RNase treatment - genomic DNA sample lost during purification - RNase treatment troubleshooting (Mar/14/2007 )
Here is the protocol I am using - but doesn't ammonium acetate precipitate DNA? so am I precipitating the DNA and RNase from the supernatent at step 4? Please any suggestions...!
1. Resuspend the ppted and dried gDNA in 300 microliters of 1X TE buffer.

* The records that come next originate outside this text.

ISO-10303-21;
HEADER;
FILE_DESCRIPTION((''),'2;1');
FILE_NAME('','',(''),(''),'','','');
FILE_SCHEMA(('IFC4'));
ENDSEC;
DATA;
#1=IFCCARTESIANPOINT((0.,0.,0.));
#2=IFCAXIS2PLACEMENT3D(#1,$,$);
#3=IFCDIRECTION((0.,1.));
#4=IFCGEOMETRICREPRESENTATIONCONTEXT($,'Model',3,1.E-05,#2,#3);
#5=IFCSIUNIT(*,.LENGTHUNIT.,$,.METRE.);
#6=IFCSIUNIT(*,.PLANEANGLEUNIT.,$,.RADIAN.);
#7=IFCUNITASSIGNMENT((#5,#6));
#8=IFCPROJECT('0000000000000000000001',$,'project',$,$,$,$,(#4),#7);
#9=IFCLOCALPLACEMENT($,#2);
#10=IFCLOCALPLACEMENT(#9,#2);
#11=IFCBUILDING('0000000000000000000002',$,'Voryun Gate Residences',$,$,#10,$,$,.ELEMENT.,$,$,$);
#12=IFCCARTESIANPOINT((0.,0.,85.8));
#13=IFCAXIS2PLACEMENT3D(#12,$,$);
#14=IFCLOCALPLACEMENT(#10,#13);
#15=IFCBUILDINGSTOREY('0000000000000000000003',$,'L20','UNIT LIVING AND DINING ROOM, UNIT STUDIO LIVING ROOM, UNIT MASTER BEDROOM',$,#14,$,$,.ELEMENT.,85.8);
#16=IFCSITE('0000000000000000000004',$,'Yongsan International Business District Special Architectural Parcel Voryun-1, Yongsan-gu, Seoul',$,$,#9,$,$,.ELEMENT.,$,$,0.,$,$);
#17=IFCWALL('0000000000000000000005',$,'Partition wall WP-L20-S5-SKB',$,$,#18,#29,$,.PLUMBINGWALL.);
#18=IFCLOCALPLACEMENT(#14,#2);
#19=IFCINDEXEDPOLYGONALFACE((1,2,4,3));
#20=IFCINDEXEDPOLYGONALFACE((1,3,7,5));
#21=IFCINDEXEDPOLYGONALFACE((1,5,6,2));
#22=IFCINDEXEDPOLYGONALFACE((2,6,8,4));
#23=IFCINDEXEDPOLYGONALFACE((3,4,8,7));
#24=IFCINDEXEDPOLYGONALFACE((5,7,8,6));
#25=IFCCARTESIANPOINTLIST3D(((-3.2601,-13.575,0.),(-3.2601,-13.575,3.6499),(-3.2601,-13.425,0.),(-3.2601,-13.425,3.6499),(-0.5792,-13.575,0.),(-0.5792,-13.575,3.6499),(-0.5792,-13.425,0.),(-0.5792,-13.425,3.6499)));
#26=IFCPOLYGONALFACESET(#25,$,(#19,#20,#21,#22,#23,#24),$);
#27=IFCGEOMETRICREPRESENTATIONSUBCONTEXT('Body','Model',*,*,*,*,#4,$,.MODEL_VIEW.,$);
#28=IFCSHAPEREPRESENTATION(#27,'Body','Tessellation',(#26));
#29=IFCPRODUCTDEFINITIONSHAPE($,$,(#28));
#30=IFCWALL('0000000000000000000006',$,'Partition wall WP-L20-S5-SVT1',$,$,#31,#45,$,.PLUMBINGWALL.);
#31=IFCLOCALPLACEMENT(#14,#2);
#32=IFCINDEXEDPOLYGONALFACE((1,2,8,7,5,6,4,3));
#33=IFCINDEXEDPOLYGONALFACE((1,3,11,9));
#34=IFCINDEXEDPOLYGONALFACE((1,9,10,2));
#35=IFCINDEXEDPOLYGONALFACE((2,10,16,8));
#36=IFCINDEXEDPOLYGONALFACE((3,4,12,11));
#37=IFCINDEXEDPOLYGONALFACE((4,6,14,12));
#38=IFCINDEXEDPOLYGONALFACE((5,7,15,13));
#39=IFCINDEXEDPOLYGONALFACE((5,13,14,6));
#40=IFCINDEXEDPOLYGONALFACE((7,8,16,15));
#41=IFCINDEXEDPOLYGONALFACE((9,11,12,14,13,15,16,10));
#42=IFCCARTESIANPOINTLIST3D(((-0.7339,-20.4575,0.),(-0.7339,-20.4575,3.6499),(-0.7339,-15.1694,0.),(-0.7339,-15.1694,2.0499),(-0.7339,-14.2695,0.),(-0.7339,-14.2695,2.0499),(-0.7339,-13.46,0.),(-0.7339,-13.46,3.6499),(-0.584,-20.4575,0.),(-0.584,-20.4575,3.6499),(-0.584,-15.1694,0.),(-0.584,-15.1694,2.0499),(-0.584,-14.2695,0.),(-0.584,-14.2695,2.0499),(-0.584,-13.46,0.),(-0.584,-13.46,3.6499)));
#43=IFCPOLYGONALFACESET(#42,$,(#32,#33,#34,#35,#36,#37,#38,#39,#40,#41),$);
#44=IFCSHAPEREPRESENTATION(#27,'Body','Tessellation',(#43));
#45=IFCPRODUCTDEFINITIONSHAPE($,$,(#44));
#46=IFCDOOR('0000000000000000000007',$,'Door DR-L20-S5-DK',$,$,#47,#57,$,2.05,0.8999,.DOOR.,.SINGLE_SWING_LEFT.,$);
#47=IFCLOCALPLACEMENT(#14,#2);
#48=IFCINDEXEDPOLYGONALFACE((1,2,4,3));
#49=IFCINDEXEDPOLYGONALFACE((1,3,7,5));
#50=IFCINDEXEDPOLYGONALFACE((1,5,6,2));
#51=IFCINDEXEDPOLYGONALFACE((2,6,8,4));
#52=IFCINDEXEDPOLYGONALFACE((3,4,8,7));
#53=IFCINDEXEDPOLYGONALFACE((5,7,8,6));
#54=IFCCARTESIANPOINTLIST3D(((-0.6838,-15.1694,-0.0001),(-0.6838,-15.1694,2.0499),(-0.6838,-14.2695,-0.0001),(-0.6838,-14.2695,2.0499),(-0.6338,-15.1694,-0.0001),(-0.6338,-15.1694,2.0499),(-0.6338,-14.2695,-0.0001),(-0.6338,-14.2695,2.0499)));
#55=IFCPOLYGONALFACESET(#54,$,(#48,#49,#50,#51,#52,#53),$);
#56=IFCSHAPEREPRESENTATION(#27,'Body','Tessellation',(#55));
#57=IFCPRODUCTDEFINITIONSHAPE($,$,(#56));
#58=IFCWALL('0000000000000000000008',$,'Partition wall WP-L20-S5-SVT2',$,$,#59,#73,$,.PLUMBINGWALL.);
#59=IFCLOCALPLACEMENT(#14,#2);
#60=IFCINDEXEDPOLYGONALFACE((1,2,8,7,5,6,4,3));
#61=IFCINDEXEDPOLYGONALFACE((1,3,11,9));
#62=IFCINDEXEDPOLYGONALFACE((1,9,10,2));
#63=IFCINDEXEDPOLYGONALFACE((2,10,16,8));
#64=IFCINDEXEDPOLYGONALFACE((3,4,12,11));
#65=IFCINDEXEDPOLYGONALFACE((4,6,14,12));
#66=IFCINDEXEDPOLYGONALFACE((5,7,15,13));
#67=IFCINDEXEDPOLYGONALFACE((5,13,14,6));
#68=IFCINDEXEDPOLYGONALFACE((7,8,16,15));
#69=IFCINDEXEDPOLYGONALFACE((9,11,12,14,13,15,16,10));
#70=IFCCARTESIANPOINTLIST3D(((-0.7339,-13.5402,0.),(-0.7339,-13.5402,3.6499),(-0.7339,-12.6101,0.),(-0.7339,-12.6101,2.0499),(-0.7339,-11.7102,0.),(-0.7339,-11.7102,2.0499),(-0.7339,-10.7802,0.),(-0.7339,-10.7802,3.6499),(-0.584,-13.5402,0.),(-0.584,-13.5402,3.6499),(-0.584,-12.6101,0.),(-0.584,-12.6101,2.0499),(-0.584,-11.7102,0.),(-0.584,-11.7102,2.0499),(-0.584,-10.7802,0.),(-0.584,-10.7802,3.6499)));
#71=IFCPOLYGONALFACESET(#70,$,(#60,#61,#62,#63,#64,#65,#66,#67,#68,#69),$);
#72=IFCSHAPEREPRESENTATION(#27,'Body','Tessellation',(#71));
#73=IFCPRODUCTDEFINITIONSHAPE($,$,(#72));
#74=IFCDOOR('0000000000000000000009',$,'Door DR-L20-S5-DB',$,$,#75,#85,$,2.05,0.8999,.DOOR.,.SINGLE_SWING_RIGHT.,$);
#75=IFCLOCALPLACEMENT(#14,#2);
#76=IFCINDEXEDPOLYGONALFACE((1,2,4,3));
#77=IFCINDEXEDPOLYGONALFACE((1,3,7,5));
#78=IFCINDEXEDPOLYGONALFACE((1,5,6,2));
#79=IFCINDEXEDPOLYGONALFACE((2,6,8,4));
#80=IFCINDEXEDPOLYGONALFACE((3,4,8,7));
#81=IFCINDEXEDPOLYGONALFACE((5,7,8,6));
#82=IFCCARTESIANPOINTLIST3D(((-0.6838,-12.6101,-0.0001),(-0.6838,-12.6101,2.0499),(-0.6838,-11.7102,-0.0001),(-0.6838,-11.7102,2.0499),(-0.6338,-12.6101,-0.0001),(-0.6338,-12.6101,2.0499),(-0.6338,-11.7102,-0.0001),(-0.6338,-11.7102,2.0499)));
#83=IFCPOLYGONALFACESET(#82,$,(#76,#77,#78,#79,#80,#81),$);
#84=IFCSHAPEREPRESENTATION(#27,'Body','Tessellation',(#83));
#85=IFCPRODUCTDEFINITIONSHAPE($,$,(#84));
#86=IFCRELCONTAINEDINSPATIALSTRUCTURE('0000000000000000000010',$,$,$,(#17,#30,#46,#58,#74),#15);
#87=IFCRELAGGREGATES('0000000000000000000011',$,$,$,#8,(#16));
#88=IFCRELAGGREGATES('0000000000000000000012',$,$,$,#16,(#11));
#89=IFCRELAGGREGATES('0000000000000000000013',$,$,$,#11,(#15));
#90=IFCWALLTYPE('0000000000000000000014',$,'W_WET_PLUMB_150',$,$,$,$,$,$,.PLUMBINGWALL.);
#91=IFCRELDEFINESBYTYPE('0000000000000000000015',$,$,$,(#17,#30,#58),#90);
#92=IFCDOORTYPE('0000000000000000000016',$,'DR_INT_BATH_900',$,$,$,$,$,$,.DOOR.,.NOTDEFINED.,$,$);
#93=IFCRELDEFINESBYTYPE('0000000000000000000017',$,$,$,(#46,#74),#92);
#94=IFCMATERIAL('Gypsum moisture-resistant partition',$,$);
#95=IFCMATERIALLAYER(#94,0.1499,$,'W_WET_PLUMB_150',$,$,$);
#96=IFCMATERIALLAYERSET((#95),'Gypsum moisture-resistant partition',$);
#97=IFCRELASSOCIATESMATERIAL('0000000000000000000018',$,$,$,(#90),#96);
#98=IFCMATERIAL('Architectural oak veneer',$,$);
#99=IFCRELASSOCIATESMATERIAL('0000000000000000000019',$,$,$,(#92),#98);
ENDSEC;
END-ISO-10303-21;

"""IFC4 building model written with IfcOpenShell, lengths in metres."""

from ifc_helpers import new_model, si_unit, direction, frame, frame_2d, origin, place, context, subcontext, project, spatial, rectangle, extrude, material, layer, layer_set, type_object, element, fill, save


model = new_model("IFC4")

# Units and contexts
model_context = context("Model", 3, precision=1e-05, world=origin(), true_north=direction((0.0, 1.0)))
body_context = subcontext(model_context, "Body", "Model", "MODEL_VIEW")
ifc_project = project(units=[si_unit("LENGTHUNIT", "METRE"), si_unit("PLANEANGLEUNIT", "RADIAN")], contexts=[model_context])

# Site, building, storey
site_placement = place(None, origin())
site = spatial("IfcSite", under=ifc_project, at=site_placement, Name="Yongsan International Business District Special Architectural Parcel Voryun-1, Yongsan-gu, Seoul", CompositionType="ELEMENT", RefElevation=0.0)
building_placement = place(site_placement, origin())
building = spatial("IfcBuilding", under=site, at=building_placement, Name="Voryun Gate Residences", CompositionType="ELEMENT")
storey_placement = place(building_placement, frame((0.0, 0.0, 85.8)))
storey = spatial("IfcBuildingStorey", under=building, at=storey_placement, Name="L20", Description="UNIT LIVING AND DINING ROOM, UNIT STUDIO LIVING ROOM, UNIT MASTER BEDROOM", CompositionType="ELEMENT", Elevation=85.8)

# Shared definitions
ifc_material_1 = material(Name="Gypsum moisture-resistant partition")
ifc_layer_1 = layer(ifc_material_1, 0.1499, Name="W_WET_PLUMB_150")
ifc_layer_set_1 = layer_set([ifc_layer_1], Name="Gypsum moisture-resistant partition")
wall_type_1 = type_object("IfcWallType", Name="W_WET_PLUMB_150", PredefinedType="PLUMBINGWALL", material=ifc_layer_set_1)
ifc_material_2 = material(Name="Architectural oak veneer")
door_type = type_object("IfcDoorType", Name="DR_INT_BATH_900", OperationType="NOTDEFINED", PredefinedType="DOOR", material=ifc_material_2)

# Wall
wall_1_placement = place(storey_placement, frame((-3.26, -13.5, 0.0), z_axis=(0.0, 0.0, 1.0), x_axis=(1.0, 0.0, 0.0)))
element("IfcWall", 1, at=wall_1_placement, inside=storey, type_object=wall_type_1, Name="Partition wall WP-L20-S5-SKB", PredefinedType="PLUMBINGWALL", context=body_context, shape_type="SweptSolid", body=[
    extrude(rectangle(XDim=2.6809, YDim=0.1499, at=frame_2d((1.3403, 0.0))), origin(), (0.0, 0.0, 1.0), 3.6499),
])

# Walls, openings, doors
wall_2_placement = place(storey_placement, frame((-0.6589, -20.4575, 0.0), z_axis=(0.0, 0.0, 1.0), x_axis=(0.0, 1.0, 0.0)))
wall_2 = element("IfcWall", 2, at=wall_2_placement, inside=storey, type_object=wall_type_1, Name="Partition wall WP-L20-S5-SVT1", PredefinedType="PLUMBINGWALL", context=body_context, shape_type="SweptSolid", body=[
    extrude(rectangle(XDim=6.9976, YDim=0.1499, at=frame_2d((3.4988, 0.0))), origin(), (0.0, 0.0, 1.0), 3.6499),
])
opening_1_placement = place(wall_2_placement, frame((5.2881, 0.0, 0.0)))
opening_1 = element("IfcOpeningElement", 3, at=opening_1_placement, cuts=wall_2, PredefinedType="OPENING", context=body_context, shape_type="SweptSolid", body=[
    extrude(rectangle(XDim=0.8999, YDim=2.05, at=frame_2d((0.45, 1.0249))), frame((0.0, 0.085, 0.0), z_axis=(0.0, -1.0, 0.0), x_axis=(1.0, 0.0, 0.0)), (0.0, 0.0, 1.0), 0.1699),
])
door_1_placement = place(opening_1_placement, origin())
door_1 = element("IfcDoor", 4, at=door_1_placement, inside=storey, type_object=door_type, Name="Door DR-L20-S5-DK", OperationType="SINGLE_SWING_LEFT", OverallHeight=2.05, OverallWidth=0.8999, PredefinedType="DOOR", context=body_context, shape_type="SweptSolid", body=[
    extrude(rectangle(XDim=0.8999, YDim=2.05, at=frame_2d((0.45, 1.0249))), frame((0.0, 0.0249, 0.0), z_axis=(0.0, -1.0, 0.0), x_axis=(1.0, 0.0, 0.0)), (0.0, 0.0, 1.0), 0.05),
])
fill(opening_1, door_1)
wall_3_placement = place(storey_placement, frame((-0.6589, -13.54, 0.0), z_axis=(0.0, 0.0, 1.0), x_axis=(0.0, 1.0, 0.0)))
wall_3 = element("IfcWall", 5, at=wall_3_placement, inside=storey, type_object=wall_type_1, Name="Partition wall WP-L20-S5-SVT2", PredefinedType="PLUMBINGWALL", context=body_context, shape_type="SweptSolid", body=[
    extrude(rectangle(XDim=2.76, YDim=0.1499, at=frame_2d((1.3799, 0.0))), origin(), (0.0, 0.0, 1.0), 3.6499),
])
opening_2_placement = place(wall_3_placement, frame((0.9299, 0.0, 0.0)))
opening_2 = element("IfcOpeningElement", 6, at=opening_2_placement, cuts=wall_3, PredefinedType="OPENING", context=body_context, shape_type="SweptSolid", body=[
    extrude(rectangle(XDim=0.8999, YDim=2.05, at=frame_2d((0.45, 1.0249))), frame((0.0, 0.085, 0.0), z_axis=(0.0, -1.0, 0.0), x_axis=(1.0, 0.0, 0.0)), (0.0, 0.0, 1.0), 0.1699),
])
door_2_placement = place(opening_2_placement, origin())
door_2 = element("IfcDoor", 7, at=door_2_placement, inside=storey, type_object=door_type, Name="Door DR-L20-S5-DB", OperationType="SINGLE_SWING_RIGHT", OverallHeight=2.05, OverallWidth=0.8999, PredefinedType="DOOR", context=body_context, shape_type="SweptSolid", body=[
    extrude(rectangle(XDim=0.8999, YDim=2.05, at=frame_2d((0.45, 1.0249))), frame((0.0, 0.0249, 0.0), z_axis=(0.0, -1.0, 0.0), x_axis=(1.0, 0.0, 0.0)), (0.0, 0.0, 1.0), 0.05),
])
fill(opening_2, door_2)

save(model, "model.ifc")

2. Add 15 microliters of 1 microgram/microliter RNAse A. Incubate in a 65° C water bath for 10 min.
3. Add 0.4 vol (126 microliters) of 7.5 M ammonium acetate to precipitate the RNAse A, flick the tube several times to mix.
4. Let stand for 30 min. at 4° C, spin at 13,000 rpm for 30 min. at 4° C, and carefully remove supernatent to new tube. Save the supernatent. Be careful and use a pipette rather than pouring, as the pellet is not visible.
5. Precipitate DNA from supernatent with 1 ml of cold 100% ethanol, mix gently for 1 min. and let stand at -20° C for 30 min.
6. Spin at 13,000 rpm for 20 min. at 4° C, decant and discard ethanol.
7. Wash pellet with 100 microliters wash buffer for 5 min., spin for 5 min. at 13,000 rpm, carefully remove and discard wash buffer using pipette.
Wash pellet with 100 microliters cold 70% ethanol, spin for 5 min. at 13,000 rpm, carefully remove ethanol and allow pellet to air dry using the heat lamp (about 15 minutes or until the pellet appears dry. Usually it "disappears" when dry).
Resuspend the pellet in 20 to 30 microliters of 1X TE buffer.
no. the dna won't precipitate until you add alcohol.